Lower commodity prices could also lead potential farmland buyers to start borrowing money. “Interest rates are nearly double those of a year ago,” Hensley says. “And from a cashflow perspective, interest rate levels play into forward thinking, reducing how much a buyer wants to pay for land.”
For the better part of a decade, we’ve had low interest rates. “And many people were lulled into thinking that will continue indefinitely. But now, they’ve been snapped to attention,” explains Hensley. The interest rate environment needs to be factored into the land buying equation, and the last time interest rates were this high was 2007.
Higher interest rates are also slowing down the 1031 tax-deferred land exchanges. “We’re still seeing some property developments come on-line. But many, if not most of those, were already in the works,” says Hensley. “The developer appetite seems to be slowing down because housing sales have slowed and there is not as strong a demand for new houses with interest rates at these levels,” explains Hensley.
Inflation is another component of land investing. “Generally, farmland as an asset class has performed well in an inflationary environment,” notes Hensley.
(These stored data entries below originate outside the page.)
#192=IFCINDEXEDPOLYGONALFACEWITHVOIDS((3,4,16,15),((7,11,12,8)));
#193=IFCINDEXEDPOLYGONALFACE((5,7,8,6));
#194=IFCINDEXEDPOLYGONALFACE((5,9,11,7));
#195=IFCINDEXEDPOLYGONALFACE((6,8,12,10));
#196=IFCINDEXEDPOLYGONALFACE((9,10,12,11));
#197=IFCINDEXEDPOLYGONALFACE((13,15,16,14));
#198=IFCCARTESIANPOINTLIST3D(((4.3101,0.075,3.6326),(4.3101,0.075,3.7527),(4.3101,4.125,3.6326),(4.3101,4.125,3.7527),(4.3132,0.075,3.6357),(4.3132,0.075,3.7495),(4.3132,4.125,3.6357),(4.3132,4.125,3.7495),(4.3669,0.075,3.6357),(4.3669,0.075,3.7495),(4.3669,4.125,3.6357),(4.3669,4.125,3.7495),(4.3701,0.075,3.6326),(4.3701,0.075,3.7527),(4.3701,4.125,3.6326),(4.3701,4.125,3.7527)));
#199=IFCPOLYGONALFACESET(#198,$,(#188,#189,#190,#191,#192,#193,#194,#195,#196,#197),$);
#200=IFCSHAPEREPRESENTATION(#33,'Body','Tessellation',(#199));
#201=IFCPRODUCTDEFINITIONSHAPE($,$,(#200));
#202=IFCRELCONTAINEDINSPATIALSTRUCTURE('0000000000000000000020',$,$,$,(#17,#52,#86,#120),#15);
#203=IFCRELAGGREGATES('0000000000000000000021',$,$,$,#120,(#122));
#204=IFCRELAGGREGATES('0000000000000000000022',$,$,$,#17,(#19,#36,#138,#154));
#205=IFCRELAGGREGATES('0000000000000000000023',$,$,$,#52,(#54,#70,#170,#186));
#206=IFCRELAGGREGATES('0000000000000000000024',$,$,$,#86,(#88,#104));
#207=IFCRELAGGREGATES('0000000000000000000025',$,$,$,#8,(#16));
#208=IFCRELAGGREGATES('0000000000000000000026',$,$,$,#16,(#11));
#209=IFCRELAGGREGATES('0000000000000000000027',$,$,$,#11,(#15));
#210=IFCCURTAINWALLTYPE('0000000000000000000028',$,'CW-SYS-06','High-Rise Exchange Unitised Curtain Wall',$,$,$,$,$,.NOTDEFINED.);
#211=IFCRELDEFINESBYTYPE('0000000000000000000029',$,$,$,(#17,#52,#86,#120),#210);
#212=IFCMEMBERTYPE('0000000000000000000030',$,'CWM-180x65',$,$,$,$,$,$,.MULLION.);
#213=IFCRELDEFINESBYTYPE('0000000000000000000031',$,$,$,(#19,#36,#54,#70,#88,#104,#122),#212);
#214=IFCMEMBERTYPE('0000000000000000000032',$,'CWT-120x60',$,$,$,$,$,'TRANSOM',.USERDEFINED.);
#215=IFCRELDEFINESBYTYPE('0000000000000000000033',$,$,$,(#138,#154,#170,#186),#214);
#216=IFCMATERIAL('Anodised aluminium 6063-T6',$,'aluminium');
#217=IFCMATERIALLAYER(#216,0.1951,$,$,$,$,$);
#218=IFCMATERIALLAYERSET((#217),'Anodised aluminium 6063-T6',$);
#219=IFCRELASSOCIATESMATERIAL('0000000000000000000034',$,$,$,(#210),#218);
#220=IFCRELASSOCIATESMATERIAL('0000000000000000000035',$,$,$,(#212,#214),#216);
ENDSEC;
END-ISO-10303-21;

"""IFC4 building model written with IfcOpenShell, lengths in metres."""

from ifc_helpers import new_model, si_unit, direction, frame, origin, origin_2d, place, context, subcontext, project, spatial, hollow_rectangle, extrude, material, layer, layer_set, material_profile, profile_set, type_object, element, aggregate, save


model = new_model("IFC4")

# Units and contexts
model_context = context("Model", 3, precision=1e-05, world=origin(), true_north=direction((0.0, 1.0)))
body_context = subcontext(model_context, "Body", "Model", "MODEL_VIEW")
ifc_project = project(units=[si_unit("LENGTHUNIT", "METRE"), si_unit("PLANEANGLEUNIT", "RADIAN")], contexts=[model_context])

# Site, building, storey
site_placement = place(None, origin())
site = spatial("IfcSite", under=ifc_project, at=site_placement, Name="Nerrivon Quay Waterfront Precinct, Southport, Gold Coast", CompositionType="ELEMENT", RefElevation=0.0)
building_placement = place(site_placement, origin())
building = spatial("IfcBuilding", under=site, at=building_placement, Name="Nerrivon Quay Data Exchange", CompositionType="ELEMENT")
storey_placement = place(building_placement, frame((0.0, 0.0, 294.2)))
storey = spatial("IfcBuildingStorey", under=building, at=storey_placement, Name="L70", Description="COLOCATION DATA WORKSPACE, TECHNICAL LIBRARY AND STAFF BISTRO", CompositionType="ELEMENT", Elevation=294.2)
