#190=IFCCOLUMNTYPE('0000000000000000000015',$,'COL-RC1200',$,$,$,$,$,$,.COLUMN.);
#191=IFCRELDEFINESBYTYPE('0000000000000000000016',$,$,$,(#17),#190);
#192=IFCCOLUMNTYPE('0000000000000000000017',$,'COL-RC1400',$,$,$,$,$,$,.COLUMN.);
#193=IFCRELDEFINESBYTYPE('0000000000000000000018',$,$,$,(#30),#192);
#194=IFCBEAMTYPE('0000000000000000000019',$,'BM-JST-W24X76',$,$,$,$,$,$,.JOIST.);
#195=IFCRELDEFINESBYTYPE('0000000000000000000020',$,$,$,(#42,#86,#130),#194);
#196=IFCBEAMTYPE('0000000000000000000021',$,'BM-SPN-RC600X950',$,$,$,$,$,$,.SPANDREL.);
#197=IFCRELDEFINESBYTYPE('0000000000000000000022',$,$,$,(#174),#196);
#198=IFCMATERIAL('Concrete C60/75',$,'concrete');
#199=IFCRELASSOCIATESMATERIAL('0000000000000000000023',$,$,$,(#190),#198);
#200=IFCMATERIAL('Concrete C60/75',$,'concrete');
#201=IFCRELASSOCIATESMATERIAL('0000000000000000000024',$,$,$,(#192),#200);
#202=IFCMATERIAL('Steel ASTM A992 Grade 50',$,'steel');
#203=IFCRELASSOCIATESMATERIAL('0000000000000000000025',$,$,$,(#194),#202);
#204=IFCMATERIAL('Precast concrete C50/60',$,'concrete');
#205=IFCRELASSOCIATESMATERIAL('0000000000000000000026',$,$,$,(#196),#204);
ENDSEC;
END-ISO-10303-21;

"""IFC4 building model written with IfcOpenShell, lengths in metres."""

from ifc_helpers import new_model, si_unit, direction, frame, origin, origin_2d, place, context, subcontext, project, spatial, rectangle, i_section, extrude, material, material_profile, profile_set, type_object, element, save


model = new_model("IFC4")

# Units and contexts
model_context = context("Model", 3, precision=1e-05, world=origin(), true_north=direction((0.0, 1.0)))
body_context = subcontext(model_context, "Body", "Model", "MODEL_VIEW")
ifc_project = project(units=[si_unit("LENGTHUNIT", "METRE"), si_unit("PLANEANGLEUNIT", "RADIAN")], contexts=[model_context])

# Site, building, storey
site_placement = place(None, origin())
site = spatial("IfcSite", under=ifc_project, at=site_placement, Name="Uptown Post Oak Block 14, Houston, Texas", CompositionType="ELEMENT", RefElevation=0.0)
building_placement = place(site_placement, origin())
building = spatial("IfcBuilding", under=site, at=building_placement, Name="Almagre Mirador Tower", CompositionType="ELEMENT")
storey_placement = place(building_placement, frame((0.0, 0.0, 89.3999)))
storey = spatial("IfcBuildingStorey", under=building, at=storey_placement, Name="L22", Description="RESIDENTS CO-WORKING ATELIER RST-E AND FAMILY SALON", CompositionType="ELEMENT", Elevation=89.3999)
But the most direct impact currently is the Fed’s current policy stance of increasing interest rates to combat inflation, which is not supportive to land values. Also, some alternative investments such as money market funds and bank certificates of deposit are now out-performing the 2.5% to 3% annual cash return on farmland investments. So, some potential investors are sitting on the sidelines for now. This could have a small influence on the market, although Hensley does not think it will have an outsize impact, “Because farmers are still the predominant buyer in the land market – 70 to 80% typically – they remain the underlying driver of the land market’s direction.
Chart Source: Federal Reserve Bank of Kansas City
“I do want to emphasize the financial condition of the ag sector is very healthy,” says Hensley. “But it’s also clear that we are transitioning into a different market than a year-ago. What we are seeing right now is seemingly a plateau in farmland values. And, there’s more uncertainty in the market than we’ve seen since 2020. We’re still getting calls from interested farmland buyers, but the land market “feels” a little different and just a touch slower,” adds Hensley.
“Out west in the Plains states after years of drought and a devastating winter wheat crop this year, there is some financial weakness. But the belt buckle of the Corn Belt is super financially healthy,” Hensley says. “So, we’re in a wait-and-see market as we transition from summer into fall.”